The Sustainability Principles: Supporting Sustainable and Fulfilling Legal Careers

Across the legal profession, conversations about sustainability increasingly point to the importance of everyday ways of working: how work is delegated, how technology is used, and how rest and development are supported. The Sustainability Principles emerged from these discussions, including those at the 2025 Legal Profession Symposium, as a shared framework to support healthier and more sustainable legal careers.

Built on three pillars — Appropriate Utilisation of Smart Technology, Supporting Rest and Growth, and Mindful Delegation — and underpinned by the values of Openness and Respect, the Sustainability Principles offer a common reference point for reflecting on sustainable ways of working across different practice contexts.

Together, these Principles offer a grounded way of thinking about how everyday choices and practices shape sustainability in legal work.

Why Sustainability Principles?

Insights gathered through conversations across the profession, including focus group discussions, surveys and discussions at the Legal Profession Symposium, surfaced a consistent theme. Many of the pressures lawyers experience are shaped not only by the volume or complexity of work, but by how work is organised and experienced on a day-to-day basis.
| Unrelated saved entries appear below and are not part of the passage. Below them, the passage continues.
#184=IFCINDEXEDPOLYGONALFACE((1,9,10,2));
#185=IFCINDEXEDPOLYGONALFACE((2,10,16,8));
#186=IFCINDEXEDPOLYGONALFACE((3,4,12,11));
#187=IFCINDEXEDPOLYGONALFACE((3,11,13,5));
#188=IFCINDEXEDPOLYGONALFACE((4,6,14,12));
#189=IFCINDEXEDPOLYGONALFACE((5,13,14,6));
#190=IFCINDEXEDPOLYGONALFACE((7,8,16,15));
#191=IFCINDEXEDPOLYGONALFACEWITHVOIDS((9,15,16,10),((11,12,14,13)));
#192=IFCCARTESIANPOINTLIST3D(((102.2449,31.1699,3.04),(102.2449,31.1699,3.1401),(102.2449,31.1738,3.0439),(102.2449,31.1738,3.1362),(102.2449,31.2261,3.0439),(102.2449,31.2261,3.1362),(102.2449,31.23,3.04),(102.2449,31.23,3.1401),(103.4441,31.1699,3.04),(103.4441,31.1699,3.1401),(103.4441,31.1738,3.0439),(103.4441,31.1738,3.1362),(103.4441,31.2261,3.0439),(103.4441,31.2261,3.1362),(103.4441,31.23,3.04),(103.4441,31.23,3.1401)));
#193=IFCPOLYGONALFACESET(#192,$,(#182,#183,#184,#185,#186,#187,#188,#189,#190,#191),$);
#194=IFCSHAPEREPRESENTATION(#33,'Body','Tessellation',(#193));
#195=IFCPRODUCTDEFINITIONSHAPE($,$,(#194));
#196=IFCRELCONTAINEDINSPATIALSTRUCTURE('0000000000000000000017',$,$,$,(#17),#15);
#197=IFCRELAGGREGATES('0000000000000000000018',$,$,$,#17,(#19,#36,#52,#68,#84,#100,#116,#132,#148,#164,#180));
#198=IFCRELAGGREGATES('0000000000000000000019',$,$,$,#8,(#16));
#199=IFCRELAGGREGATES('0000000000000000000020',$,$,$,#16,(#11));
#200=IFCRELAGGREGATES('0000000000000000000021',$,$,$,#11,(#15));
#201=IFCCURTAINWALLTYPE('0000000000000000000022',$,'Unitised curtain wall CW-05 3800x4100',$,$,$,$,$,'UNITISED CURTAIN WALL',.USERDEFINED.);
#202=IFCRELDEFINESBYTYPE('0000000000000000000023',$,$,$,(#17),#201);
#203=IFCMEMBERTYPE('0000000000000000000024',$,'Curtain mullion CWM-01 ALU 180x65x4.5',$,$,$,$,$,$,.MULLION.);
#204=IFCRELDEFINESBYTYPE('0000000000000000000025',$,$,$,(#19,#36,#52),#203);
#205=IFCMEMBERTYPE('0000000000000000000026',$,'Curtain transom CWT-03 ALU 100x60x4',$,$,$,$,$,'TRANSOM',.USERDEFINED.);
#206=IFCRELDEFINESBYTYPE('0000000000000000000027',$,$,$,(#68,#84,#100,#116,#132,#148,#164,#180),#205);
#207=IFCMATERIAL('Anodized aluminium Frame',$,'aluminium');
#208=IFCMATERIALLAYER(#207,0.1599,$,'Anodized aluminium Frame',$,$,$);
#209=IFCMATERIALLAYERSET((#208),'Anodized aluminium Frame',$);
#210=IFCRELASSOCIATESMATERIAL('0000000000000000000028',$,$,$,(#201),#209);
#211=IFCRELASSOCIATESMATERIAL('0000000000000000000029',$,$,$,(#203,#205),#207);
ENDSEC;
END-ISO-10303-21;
Questions around availability, pace, supervision and the use of technology increasingly feature in reflections on professional fulfilment and long-term career sustainability. Work by the Ethics and Professional Standards Committee similarly highlighted the importance of researching sustainable work practices and developing a set of workplace principles to support the profession in this area.

The Sustainability Principles were developed in response to these realities, providing a shared reference point to support more intentional and sustainable ways of working across different practice contexts.
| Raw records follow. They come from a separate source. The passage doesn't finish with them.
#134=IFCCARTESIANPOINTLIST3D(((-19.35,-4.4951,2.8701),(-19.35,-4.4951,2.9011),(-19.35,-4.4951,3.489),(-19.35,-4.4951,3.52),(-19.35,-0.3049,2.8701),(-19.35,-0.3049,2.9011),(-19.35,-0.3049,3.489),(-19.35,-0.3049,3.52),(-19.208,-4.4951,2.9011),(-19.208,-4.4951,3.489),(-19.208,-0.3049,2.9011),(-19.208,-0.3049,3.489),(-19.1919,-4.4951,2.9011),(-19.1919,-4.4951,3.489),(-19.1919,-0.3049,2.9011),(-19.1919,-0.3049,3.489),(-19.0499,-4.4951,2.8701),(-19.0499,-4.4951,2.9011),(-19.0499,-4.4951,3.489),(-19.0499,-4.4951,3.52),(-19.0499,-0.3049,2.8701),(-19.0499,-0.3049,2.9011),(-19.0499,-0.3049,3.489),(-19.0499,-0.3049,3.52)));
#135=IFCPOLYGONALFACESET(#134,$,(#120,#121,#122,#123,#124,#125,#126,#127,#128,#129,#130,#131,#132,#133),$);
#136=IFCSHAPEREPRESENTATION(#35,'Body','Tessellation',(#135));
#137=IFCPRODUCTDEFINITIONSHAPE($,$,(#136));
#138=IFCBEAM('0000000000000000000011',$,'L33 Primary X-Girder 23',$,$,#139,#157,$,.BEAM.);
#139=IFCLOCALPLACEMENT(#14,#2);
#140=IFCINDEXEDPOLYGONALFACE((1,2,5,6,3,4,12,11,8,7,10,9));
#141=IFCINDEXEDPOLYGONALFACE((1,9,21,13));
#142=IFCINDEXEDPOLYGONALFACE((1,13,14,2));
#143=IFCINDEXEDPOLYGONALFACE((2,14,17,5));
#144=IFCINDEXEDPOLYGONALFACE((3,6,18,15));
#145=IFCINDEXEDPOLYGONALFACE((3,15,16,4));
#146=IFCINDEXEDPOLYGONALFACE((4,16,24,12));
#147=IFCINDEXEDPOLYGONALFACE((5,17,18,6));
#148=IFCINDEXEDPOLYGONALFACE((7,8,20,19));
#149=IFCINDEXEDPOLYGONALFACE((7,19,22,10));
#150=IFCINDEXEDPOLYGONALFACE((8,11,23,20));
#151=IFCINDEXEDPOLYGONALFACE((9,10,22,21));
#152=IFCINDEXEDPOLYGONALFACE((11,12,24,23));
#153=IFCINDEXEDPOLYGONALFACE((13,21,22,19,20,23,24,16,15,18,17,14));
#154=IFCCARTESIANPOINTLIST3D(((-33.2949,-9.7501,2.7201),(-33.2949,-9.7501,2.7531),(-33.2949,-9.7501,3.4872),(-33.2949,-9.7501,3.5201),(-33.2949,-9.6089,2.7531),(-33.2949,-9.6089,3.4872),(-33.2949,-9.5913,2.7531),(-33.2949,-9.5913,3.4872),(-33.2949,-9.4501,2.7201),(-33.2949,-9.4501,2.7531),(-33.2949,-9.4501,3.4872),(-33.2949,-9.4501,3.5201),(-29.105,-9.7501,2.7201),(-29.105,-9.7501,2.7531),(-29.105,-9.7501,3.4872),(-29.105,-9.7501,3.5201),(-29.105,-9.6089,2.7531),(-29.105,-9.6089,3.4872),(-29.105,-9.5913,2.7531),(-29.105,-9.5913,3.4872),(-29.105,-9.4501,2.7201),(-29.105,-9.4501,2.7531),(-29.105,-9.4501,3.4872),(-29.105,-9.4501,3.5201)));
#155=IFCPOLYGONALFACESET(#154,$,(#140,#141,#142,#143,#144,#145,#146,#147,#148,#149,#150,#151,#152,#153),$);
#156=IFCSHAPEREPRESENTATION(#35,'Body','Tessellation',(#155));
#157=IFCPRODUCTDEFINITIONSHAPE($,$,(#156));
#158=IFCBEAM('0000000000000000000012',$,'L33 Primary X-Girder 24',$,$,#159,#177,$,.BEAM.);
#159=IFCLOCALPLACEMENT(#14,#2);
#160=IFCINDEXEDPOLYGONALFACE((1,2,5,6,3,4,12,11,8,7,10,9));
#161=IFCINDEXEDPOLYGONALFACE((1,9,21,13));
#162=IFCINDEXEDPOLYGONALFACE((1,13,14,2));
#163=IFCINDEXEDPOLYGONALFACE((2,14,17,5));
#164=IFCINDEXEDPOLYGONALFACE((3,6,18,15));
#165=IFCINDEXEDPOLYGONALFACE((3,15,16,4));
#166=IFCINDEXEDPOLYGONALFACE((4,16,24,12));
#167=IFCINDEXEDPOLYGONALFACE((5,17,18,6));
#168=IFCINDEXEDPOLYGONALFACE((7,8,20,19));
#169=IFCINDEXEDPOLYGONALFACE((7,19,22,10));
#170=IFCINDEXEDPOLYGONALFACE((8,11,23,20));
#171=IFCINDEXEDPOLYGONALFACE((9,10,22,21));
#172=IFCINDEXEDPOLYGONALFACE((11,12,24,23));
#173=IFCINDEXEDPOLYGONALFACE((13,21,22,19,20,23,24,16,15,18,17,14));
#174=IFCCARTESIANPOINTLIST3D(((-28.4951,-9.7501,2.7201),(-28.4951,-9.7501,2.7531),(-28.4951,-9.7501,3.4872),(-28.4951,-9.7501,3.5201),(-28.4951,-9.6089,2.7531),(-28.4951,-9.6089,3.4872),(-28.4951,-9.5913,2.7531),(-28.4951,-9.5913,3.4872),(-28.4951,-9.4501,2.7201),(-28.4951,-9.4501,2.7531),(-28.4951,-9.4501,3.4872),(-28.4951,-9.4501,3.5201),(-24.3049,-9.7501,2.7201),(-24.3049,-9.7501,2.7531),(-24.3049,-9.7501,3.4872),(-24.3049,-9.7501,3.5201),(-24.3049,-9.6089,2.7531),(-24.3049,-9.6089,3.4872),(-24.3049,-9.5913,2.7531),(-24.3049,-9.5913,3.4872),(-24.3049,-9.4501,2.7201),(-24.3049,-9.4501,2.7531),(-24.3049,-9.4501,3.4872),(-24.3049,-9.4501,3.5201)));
What the Principles are — and are not

The Sustainability Principles are not a checklist, compliance framework, or one-size-fits-all solution. They recognise that legal practice takes place across diverse organisational settings, each with its own demands, constraints, and professional cultures.

Rather than prescribing specific outcomes, the Principles are intended to function as a reference point — supporting reflection, conversation, and small, practical shifts in everyday practice. They are designed to be interpreted and applied flexibly, in ways that are meaningful and appropriate to different teams and contexts.

How the Principles are intended to be used

The Sustainability Principles may be used in a variety of ways. For example, they can support:

  • conversations within teams about workload, expectations, and supervision;
  • reflection by leaders on delegation, development, and the use of technology; and
  • the design of initiatives, tools, and practices that support long-term professional sustainability.

Over time, different approaches and applications will emerge as organisations and individuals engage with the Principles in ways that reflect their own practice environments.

Looking ahead

Sustainable legal careers are shaped not by a single intervention, but by cumulative everyday decisions. The Sustainability Principles provide a foundation for thinking more deliberately about those decisions — individually, within teams, and across the profession.

Subsequent initiatives and efforts will build on this foundation by exploring how these ideas can be translated into practical tools, behaviours, and lived experience in the context of legal work.